Овцы смотрят вверх

22
18
20
22
24
26
28
30

– Я знаю! – сказал Остин, почти задыхаясь от волнения. – Но я не хочу этого!

– Но такова реальность, и от этого никуда не убежать! – сказала Пег безжалостно. – Что ты будешь с этим делать, решать тебе. Не знаю, как там со спасением мира, но я абсолютно уверена: если ты не скажешь свое слово, эта страна не переживет грядущую зиму без того, чтобы скатиться в гражданскую войну.

Наступило холодное молчание, прерванное одним коротким словом.

– Да, – сказал он.

И вновь – молчание.

Некоторое время спустя, словно вернувшись из каких-то далеких краев, он сказал голосом будничным и спокойным:

– Странная вещь!

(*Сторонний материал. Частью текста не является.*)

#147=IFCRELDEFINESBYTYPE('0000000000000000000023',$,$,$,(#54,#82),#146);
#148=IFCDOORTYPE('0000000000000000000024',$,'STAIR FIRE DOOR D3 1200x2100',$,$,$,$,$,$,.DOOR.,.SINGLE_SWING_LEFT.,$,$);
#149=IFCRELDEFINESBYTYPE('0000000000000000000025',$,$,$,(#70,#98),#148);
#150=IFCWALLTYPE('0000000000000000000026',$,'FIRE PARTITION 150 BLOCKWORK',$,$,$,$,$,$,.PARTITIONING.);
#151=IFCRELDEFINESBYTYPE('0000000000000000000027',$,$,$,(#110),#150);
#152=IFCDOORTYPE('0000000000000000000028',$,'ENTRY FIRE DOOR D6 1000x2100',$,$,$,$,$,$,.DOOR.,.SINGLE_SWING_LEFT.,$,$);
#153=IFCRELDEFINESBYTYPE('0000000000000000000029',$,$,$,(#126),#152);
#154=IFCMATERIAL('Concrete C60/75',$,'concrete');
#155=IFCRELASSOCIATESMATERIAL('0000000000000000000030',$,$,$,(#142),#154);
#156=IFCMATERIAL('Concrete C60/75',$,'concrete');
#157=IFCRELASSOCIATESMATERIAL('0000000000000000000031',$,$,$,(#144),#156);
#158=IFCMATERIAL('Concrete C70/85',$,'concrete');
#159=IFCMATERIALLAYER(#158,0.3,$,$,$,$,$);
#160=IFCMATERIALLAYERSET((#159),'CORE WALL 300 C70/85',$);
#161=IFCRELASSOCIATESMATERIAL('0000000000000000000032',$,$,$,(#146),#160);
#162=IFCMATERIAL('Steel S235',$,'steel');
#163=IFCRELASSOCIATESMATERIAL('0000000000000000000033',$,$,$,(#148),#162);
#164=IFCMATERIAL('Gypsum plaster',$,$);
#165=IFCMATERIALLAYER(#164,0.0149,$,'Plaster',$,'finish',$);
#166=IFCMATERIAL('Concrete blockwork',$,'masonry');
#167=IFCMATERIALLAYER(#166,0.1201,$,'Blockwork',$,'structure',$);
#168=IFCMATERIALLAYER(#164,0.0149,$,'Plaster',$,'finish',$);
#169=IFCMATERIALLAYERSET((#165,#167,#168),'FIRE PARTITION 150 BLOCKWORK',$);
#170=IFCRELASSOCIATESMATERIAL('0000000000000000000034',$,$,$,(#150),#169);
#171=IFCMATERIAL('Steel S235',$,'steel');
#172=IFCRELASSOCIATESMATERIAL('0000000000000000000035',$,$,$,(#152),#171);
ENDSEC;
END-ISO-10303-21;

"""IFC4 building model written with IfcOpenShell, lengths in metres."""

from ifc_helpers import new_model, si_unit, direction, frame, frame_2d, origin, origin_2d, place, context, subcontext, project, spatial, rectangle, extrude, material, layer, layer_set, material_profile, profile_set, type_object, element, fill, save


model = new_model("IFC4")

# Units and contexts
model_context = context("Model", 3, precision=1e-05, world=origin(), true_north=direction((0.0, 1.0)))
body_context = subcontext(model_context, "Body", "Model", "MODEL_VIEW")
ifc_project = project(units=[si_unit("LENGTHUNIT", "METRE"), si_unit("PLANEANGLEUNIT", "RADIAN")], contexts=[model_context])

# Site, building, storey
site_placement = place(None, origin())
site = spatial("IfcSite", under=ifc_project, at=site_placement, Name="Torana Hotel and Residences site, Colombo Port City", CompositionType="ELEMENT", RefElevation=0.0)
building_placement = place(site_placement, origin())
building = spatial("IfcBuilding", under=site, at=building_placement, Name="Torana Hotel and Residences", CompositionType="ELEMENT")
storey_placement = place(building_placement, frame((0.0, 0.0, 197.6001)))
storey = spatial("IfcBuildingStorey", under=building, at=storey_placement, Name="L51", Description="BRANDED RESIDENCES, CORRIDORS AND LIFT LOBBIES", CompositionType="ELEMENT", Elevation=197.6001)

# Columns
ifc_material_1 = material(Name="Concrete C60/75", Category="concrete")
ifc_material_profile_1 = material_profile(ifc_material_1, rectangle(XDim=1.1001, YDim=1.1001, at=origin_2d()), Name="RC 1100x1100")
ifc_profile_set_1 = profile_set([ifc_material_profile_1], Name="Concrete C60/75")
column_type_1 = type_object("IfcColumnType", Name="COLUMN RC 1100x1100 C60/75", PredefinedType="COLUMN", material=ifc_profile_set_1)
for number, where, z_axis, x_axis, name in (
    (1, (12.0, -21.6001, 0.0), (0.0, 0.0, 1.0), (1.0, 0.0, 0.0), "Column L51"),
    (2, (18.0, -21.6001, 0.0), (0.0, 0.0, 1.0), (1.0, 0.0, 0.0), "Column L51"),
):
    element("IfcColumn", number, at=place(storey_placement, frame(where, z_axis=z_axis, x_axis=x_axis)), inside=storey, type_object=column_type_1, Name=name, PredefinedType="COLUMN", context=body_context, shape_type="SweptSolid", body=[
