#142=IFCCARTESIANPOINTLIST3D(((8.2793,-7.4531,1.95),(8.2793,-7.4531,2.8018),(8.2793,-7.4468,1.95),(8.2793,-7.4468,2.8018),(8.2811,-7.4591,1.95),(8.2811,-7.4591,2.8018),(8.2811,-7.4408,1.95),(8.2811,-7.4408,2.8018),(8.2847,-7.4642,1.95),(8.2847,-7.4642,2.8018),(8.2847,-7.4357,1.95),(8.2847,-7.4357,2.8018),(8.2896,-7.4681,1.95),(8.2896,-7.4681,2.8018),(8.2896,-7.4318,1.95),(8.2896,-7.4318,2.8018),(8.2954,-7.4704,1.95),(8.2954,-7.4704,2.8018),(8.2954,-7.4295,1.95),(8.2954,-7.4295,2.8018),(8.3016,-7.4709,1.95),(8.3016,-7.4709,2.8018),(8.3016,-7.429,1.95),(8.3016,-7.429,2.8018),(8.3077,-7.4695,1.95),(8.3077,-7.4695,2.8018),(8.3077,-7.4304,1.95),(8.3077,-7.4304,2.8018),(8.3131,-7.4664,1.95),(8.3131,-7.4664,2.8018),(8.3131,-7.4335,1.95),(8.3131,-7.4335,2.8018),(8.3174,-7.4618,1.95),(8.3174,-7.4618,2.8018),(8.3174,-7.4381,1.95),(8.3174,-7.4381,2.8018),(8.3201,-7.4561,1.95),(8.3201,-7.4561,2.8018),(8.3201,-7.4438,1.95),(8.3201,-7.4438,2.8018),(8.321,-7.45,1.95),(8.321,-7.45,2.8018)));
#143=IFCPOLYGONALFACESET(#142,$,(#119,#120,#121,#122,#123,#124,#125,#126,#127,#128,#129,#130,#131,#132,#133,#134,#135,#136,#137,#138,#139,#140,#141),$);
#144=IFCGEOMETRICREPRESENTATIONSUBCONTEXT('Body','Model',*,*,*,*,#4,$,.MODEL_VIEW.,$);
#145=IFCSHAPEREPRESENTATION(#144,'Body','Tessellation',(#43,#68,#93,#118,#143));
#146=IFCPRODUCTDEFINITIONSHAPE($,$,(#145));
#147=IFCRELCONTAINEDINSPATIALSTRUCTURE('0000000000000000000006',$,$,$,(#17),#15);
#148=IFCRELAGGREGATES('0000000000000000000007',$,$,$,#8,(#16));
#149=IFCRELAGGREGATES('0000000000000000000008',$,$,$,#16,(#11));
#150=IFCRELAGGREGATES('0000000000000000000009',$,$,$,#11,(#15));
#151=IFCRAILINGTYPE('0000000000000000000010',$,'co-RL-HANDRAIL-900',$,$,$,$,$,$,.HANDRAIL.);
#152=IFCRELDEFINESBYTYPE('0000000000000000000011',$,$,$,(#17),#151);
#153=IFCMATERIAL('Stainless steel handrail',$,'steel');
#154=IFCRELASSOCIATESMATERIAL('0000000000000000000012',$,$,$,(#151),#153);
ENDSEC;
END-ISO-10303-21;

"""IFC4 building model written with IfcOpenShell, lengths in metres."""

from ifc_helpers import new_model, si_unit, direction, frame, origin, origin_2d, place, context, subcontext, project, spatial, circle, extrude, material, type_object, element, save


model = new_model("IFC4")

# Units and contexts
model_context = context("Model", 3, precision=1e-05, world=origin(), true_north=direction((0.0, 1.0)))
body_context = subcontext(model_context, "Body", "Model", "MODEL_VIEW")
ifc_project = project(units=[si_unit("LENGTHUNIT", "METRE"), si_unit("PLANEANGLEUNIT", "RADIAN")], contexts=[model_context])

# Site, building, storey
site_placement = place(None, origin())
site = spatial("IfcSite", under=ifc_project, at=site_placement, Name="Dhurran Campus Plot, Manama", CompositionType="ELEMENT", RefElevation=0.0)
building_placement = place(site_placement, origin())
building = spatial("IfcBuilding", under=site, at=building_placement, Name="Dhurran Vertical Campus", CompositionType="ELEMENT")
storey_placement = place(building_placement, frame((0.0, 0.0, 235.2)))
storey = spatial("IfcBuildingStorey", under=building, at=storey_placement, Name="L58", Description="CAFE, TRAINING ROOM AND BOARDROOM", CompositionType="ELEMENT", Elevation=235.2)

Я не могу вспомнить имя парня, который придумал этот символ.

– Какой? Череп и кости? Я думала, ты помнишь.

– Увы! Помню только, что это был дизайнер, которого они прикрепили в одном издательстве к моим книжкам. Он сделал маленький логотип из костей и черепа и поместил его рядом с номерами страниц. Но я начисто забыл его имя. А это нечестно, он должен получить свою долю славы.

– А может, он и не захочет! – предположила Пег.

– Это я могу понять, – хмыкнул Остин, разглядывая тыльную сторону своих лежащих на столе ладоней. – Ты знаешь, меня иногда посещает ужасное чувство, будто я перестал быть самим собой. Ты понимаешь? Я имею в виду то, что из меня сделали демона-покровителя террористов, саботажников, поджигателей, убийц! Может быть, даже насильников. Символ с черепом и костями имеет одно значение – он предупреждает: вот что будет, если мы все не остановимся и не перестанем уничтожать Землю, наш дом. Это – как международный знак радиоактивной опасности. Но вместо этого символ малюют, когда в пьяной ярости разбивают витрину, взламывают банковский сейф, похищают чужую машину. Теперь это символ, которым прикрывают самые гнусные преступления.

– Ничего нового! – отозвалась Пег. – То же самое произошло и с суфражистками в Англии. Любой преступник мог, ограбив лавочку или убив человека, написать на стене «Даешь избирательное право для женщин!» А некоторые делали это намеренно, чтобы дискредитировать движение. Современные феминистки тоже с этим сталкиваются.

– Думаю, ты права, – сказал Остин, с отсутствующим видом рисуя стилизованную версию символа на столе, используя влагу, которую оставили на его полированной поверхности донышки их стаканов. В баре стаканы подавали без картонных подставок, поскольку эту практику заклеймили трейниты, протестовавшие против неразумного использования бумаги. Не было здесь и одноразовых полотенец – одна из немногих побед движения.

– Да, – продолжал он. – Если и есть причина, которая могла бы свести меня с ума, так это признание того, что я не существую.

– Но ты существуешь!

– Я тоже так думаю.

– Тогда встань и докажи это!

Пег посмотрела на свои часы.

– Когда ты хочешь появиться на шоу Петронеллы Пейдж? – спросила она.

– Ты действительно думаешь, что можешь это устроить?